Film Rental Expenses. Film rental expenses as a percentage of admissions
revenues declined from 38.5% for the three months ended March 31, 1998 compared
to 37.1% for the three months ended March 31, 1999. The decrease was primarily
attributable to the acquisition of 31 second-run theaters during 1998, which
increased the percentage of admission revenue that was contributed by second-run
theaters when compared to March 31, 1998.

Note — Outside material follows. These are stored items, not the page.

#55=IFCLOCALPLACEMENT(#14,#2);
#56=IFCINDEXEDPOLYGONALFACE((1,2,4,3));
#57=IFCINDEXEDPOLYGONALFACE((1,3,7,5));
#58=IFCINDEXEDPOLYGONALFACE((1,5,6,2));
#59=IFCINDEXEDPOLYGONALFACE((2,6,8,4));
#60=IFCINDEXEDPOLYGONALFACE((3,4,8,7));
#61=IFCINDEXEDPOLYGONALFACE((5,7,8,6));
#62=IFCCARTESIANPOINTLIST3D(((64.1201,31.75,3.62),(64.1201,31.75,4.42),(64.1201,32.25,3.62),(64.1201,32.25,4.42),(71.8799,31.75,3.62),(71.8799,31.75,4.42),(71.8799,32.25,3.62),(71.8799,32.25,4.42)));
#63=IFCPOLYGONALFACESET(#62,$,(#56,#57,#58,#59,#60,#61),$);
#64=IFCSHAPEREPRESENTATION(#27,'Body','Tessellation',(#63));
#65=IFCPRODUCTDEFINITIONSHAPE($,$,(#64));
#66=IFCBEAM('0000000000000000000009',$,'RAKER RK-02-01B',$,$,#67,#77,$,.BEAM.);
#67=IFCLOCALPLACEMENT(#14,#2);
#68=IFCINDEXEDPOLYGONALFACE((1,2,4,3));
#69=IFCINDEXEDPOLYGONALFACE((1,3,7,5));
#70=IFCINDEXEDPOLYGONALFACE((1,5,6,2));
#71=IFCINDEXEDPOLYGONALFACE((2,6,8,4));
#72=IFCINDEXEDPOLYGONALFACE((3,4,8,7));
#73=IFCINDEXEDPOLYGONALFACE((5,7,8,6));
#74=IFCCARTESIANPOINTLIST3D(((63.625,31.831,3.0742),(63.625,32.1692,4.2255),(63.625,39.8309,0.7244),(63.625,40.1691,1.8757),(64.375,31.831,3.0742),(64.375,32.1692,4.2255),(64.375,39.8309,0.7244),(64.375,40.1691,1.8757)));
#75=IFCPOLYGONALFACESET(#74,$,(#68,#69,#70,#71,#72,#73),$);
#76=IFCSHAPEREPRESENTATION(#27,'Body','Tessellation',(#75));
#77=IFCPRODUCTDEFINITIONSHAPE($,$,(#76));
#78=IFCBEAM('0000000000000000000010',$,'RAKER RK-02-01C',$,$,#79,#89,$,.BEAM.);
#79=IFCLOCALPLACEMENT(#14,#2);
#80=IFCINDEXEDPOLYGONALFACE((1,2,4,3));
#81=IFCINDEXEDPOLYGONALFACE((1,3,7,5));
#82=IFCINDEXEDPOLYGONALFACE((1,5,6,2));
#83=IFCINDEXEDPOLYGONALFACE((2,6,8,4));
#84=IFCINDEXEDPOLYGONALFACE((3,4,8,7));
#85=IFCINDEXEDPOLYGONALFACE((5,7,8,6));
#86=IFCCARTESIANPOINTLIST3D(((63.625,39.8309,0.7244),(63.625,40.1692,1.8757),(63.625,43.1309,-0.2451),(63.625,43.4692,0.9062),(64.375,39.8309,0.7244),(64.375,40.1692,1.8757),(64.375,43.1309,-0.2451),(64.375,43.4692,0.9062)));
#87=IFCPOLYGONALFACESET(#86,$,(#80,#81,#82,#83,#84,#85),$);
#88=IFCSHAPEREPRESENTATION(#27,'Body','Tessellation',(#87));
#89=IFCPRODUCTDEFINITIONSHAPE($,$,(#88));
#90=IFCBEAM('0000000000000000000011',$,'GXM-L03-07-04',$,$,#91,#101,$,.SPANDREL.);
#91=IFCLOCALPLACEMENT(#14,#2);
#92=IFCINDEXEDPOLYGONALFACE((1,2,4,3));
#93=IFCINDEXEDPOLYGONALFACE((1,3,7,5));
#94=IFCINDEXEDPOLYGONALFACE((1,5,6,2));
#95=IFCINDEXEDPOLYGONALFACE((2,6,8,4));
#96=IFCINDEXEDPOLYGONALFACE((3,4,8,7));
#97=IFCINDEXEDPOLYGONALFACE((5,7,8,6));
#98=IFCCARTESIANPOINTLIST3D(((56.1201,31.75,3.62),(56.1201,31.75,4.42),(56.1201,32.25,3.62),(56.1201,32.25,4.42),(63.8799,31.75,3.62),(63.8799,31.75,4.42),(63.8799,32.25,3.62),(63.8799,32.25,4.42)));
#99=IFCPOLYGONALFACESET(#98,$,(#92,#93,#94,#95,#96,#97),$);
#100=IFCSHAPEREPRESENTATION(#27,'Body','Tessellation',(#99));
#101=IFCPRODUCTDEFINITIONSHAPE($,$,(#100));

Concession Supplies Expenses. Concession costs as a percentage of concession
revenue for the period to period comparison increased from 14.5% of concession
sales to 18.4% primarily due the implementation of the Company's reduced price
concession menu at several locations. Management believes this new pricing
policy has assisted in stabilizing attendance levels at most theaters where the
policy has been implemented.
Salaries and Wage Expenses. Payroll expense increased from $0.9 million for
the three months ended March 31, 1998 to $2.0 million for the three months ended
March 31, 1999 due primarily to the addition of the newly acquired and
constructed theaters. Payroll per attendee, a key measure for staff efficiency,
increased from $0.56 per attendee to $0.60 per attendee. The increase is
primarily attributable to the relative drop in attendance.
Facility Lease Expenses. Facility leases increased $1.8 million to $2.7
million or 194.9% for the three months ended March 31, 1999 from $0.9 million
for the three months ended March 31, 1998. The increase in facility lease
expense is primarily attributable to the additional theaters acquired and
constructed during 1998. Included in facility lease expense for the three months
ended March 31, 1999 is noncash rent expense of $0.1 million.
Advertising Expenses. Advertising expenses increased $0.3 million or 227.8%
from the three months ended March 31, 1998 to $0.5 million for the three months
ended March 31, 1999. Advertising expenses comprised 4.6% and 3.0% of total
revenues for the three months ended March 31, 1999 and 1998 respectively.
Utilities and Other Expenses. Utilities and other expenses increased from
$0.8 million to $2.1 million or 152.5% for the three months ended March 31, 1999
compared to the three months ended March 31, 1998. The increase was primarily
the result of the additional theaters operated at March 31, 1999 compared to
March 31, 1998.
General and Administrative Expenses. General and administrative expenses
increased from $0.6 million to $1.0 million or 70.3% for the three months ended
March 31, 1999 compared to the three months ended March 31, 1998. The increase
was primarily the result of increased payroll costs associated with the
Company's expansion.
Depreciation and Amortization. Depreciation and amortization increased $0.5
million to $0.9 million or 95.2% for the year ended March 31, 1999 from $0.5
million for the three months ended March 31, 1998. The increase was primarily
the result of theater property additions associated with the Company's expansion
efforts.
Operating Loss. The operating loss for the three months ended March 31, 1999
increased by $1.5 million to $1.8 million or 17.8% of total revenues, compared
to an operating loss of $0.3 million, or 6.5% of total revenues, for the three
months ended March 31, 1998.
-12-
<PAGE> 13
LIQUIDITY AND CAPITAL RESOURCES
Revenues are collected in cash, primarily through box office receipts and
the sale of concession items. Because revenues are received in cash prior to the
payment of related expenses, there are, in effect, no accounts receivable. This,
in combination with minimal inventory requirements, creates a negative working
capital position, which provides certain operating capital.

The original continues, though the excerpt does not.